Dizzy takes its place among other memoirs that chronicle young women struggling with illnesses that reside in the gray zone of diagnosis and mystery, such as The Invisible Kingdom by Meghan O’Rourke and Sick by Porochista Khakpour. But where it differs is how Weaver constructs an intricate window into the doctor-patient relationship. Interweaving her medical encounters with her past experiences as a wildlife biologist in the Alaskan wilderness, she draws a parallel between the primal dynamic of predator and prey and its persistence in contemporary society. Before the primarily male physicians she visits, she feels weak, powerless in her role as a sick patient, and struggles to convey to them what she is experiencing. She parallels this to being cornered by a grizzly bear in Alaska, the visceral response of adrenaline and fear. This becomes the most compelling part of the memoir, elevating her narrative to not only an account of life with chronic illness, but a window into the power dynamics of the doctor-patient relationship. She illustrates how this power dynamic can result in the failure of communication that victimized her over and over again, writing: “The distance between the land of the sick and the land of the well is too great to overcome” (Weaver 58-59). Her story highlights how patients’ narratives are often wrongly decentered in healthcare, and how reducing someone’s life story to a series of yes-or-no checkmarks fails to capture the flavor and nuance of what it is like to be chronically ill.

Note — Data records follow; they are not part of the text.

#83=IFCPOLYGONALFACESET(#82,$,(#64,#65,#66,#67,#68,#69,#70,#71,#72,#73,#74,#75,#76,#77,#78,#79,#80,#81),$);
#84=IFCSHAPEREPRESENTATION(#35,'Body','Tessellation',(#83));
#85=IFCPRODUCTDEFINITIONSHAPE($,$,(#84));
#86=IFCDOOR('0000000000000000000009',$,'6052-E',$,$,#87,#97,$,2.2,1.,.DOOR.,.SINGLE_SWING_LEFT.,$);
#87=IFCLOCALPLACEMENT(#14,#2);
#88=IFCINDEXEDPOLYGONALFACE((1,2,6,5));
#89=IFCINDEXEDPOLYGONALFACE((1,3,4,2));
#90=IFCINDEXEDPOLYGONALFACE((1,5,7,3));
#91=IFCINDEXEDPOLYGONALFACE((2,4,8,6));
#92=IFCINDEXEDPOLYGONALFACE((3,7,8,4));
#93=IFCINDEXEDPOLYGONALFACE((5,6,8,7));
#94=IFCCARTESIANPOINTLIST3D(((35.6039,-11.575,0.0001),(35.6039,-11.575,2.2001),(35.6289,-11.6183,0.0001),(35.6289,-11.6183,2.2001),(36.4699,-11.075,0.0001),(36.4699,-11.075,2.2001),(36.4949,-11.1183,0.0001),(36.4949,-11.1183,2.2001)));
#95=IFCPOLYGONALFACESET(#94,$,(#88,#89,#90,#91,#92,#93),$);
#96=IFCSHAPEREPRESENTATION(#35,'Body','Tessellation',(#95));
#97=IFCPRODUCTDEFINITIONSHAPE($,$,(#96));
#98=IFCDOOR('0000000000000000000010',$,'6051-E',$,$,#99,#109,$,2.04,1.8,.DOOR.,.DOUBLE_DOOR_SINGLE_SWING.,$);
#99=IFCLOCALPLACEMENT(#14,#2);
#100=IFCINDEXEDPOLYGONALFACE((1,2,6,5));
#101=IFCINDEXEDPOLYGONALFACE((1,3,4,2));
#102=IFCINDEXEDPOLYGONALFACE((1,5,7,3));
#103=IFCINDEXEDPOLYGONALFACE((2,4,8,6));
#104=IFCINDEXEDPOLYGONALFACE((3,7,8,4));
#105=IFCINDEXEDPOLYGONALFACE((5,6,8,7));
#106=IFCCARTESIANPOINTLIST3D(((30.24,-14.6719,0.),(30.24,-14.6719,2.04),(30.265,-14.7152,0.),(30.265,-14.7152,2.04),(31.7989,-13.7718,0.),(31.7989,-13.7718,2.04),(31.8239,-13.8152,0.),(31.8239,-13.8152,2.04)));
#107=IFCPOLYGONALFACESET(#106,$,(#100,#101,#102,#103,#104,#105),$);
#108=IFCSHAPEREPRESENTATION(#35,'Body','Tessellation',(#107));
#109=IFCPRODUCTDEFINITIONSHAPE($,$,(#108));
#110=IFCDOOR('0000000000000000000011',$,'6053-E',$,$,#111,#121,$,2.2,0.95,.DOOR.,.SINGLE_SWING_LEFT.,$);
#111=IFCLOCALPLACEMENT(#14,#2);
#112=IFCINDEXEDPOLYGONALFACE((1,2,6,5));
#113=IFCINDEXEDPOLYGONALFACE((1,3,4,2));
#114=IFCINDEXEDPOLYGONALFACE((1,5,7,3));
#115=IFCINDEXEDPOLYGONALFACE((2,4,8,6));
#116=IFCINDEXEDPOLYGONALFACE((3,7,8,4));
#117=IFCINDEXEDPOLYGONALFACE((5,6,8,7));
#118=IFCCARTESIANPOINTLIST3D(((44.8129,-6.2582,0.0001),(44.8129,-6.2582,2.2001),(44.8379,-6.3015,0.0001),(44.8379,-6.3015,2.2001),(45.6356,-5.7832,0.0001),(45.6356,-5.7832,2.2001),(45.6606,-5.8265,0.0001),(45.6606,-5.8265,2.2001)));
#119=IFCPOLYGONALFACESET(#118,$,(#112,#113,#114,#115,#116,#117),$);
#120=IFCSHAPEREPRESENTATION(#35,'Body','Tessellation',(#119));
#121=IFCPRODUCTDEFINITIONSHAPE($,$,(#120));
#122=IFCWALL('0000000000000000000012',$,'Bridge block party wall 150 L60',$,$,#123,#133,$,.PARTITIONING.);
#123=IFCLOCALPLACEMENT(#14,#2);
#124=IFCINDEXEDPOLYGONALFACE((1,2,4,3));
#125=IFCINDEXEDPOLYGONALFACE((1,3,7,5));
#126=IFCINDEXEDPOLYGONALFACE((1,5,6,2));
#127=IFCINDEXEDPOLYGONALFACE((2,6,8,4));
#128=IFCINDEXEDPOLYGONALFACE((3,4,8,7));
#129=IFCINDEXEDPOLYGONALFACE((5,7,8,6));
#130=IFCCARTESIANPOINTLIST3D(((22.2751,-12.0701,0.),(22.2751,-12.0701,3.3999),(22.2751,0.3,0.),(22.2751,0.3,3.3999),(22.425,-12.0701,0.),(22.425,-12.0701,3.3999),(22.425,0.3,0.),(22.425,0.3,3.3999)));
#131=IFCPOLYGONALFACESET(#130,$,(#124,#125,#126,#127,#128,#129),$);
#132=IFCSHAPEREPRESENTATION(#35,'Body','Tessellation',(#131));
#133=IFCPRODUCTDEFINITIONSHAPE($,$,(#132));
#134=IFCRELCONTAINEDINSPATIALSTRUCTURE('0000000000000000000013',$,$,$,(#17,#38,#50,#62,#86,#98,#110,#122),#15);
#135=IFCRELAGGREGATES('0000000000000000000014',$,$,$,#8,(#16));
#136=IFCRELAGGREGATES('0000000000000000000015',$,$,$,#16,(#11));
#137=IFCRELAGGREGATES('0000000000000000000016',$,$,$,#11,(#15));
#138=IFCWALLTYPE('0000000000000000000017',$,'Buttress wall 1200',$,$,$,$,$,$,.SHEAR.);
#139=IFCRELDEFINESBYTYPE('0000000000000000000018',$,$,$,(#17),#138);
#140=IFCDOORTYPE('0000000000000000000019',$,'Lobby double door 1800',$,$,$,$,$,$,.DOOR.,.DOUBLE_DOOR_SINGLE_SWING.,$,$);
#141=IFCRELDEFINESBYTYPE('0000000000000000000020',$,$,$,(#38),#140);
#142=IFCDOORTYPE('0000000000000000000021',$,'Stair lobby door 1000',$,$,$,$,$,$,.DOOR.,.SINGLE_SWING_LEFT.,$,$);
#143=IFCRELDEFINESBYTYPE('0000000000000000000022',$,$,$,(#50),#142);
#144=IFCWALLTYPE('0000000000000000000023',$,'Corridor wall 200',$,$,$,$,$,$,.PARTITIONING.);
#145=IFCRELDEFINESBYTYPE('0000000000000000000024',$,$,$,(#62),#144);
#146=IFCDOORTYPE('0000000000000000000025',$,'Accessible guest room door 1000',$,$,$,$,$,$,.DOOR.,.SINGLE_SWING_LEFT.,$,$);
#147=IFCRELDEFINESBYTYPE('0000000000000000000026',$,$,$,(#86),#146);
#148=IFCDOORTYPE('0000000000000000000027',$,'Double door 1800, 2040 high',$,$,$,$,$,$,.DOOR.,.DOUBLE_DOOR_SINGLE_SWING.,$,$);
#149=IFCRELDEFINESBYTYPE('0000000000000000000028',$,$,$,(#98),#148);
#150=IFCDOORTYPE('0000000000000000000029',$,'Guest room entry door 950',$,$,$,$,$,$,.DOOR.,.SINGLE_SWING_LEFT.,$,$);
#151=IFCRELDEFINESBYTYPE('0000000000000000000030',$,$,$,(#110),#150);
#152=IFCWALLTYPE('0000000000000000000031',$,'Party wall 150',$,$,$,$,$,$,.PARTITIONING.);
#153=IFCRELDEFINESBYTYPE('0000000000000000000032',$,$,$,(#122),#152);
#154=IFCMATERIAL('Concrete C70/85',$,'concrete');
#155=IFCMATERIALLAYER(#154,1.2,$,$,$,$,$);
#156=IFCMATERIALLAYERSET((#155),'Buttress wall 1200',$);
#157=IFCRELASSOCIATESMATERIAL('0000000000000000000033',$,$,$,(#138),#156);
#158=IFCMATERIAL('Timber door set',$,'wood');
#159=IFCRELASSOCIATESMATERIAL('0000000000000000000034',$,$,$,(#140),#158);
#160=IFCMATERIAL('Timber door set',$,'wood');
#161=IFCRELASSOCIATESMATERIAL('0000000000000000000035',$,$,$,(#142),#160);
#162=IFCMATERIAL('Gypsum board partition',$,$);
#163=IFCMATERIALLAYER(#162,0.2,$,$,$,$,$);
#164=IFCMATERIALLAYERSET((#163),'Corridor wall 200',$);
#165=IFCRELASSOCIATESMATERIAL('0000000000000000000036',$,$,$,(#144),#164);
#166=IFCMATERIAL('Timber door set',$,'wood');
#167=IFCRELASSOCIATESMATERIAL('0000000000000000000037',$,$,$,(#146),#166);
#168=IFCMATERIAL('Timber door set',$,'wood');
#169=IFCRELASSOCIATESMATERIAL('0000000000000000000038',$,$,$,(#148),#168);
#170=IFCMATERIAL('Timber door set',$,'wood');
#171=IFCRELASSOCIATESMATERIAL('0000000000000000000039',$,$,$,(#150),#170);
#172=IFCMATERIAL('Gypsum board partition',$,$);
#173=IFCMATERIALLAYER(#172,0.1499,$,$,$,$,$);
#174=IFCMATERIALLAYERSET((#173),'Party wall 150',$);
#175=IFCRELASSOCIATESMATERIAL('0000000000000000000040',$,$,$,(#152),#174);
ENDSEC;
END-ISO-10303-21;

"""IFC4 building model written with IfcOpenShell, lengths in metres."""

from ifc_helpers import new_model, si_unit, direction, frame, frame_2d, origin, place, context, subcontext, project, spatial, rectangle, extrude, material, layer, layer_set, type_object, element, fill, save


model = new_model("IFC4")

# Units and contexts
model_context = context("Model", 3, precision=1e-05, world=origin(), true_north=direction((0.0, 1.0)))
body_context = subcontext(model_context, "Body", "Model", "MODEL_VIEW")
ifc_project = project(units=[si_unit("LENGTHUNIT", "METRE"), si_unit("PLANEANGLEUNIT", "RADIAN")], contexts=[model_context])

Over this period of her life, Weaver sees too many doctors to count, but none truly hear her story and none offer answers that stick. That is, until year nine of her symptoms, when she meets Dr. Tanner, a migraine specialist. This will be her last try she vows, the last doctor’s appointment before she gives up her quest for good. Dr. Tanner takes the time to listen to her story and offers not only treatment options but follow-up, reassuring her that he will not leave her stranded without hope or relief. Slowly, they establish what a therapeutic relationship should be: a continual evolution of trial, reassessment, and reassessment until they find what works for her.
Eventually, her symptoms ease and abate with the care she receives from Dr. Tanner, and Weaver returns to a semblance of the life she knew before. That is, until a bout with COVID leaves her again with intractable dizziness. This time, she is connected with a researcher in Utah named Dr. Bills. Through Dr. Bills’ study, Weaver finds the answers and relief she has been craving. However, her story is not consumed by a diagnosis narrative, a happy ending that can only be achieved through answers and cures. Instead, the focus remains on the journey itself–how truly listening to patient stories is an integral part of healing. In this way, Dizzy gives voice to the often undocumented experiences of so many who are forced to trek through the healthcare system, serving not only as a testament to how patients may be empowered to tell better stories about their illnesses but also as a beacon of resilience to those still searching for healing.
Citations
- Garden, Rebecca. “Telling stories about illness and disability: the limits and lessons of narrative.” Perspectives in biology and medicine vol. 53,1 (2010): 121-35. doi:10.1353/pbm.0.0135
- Weaver, Rachel. “Dizzy.” West Virginia University Press (2026).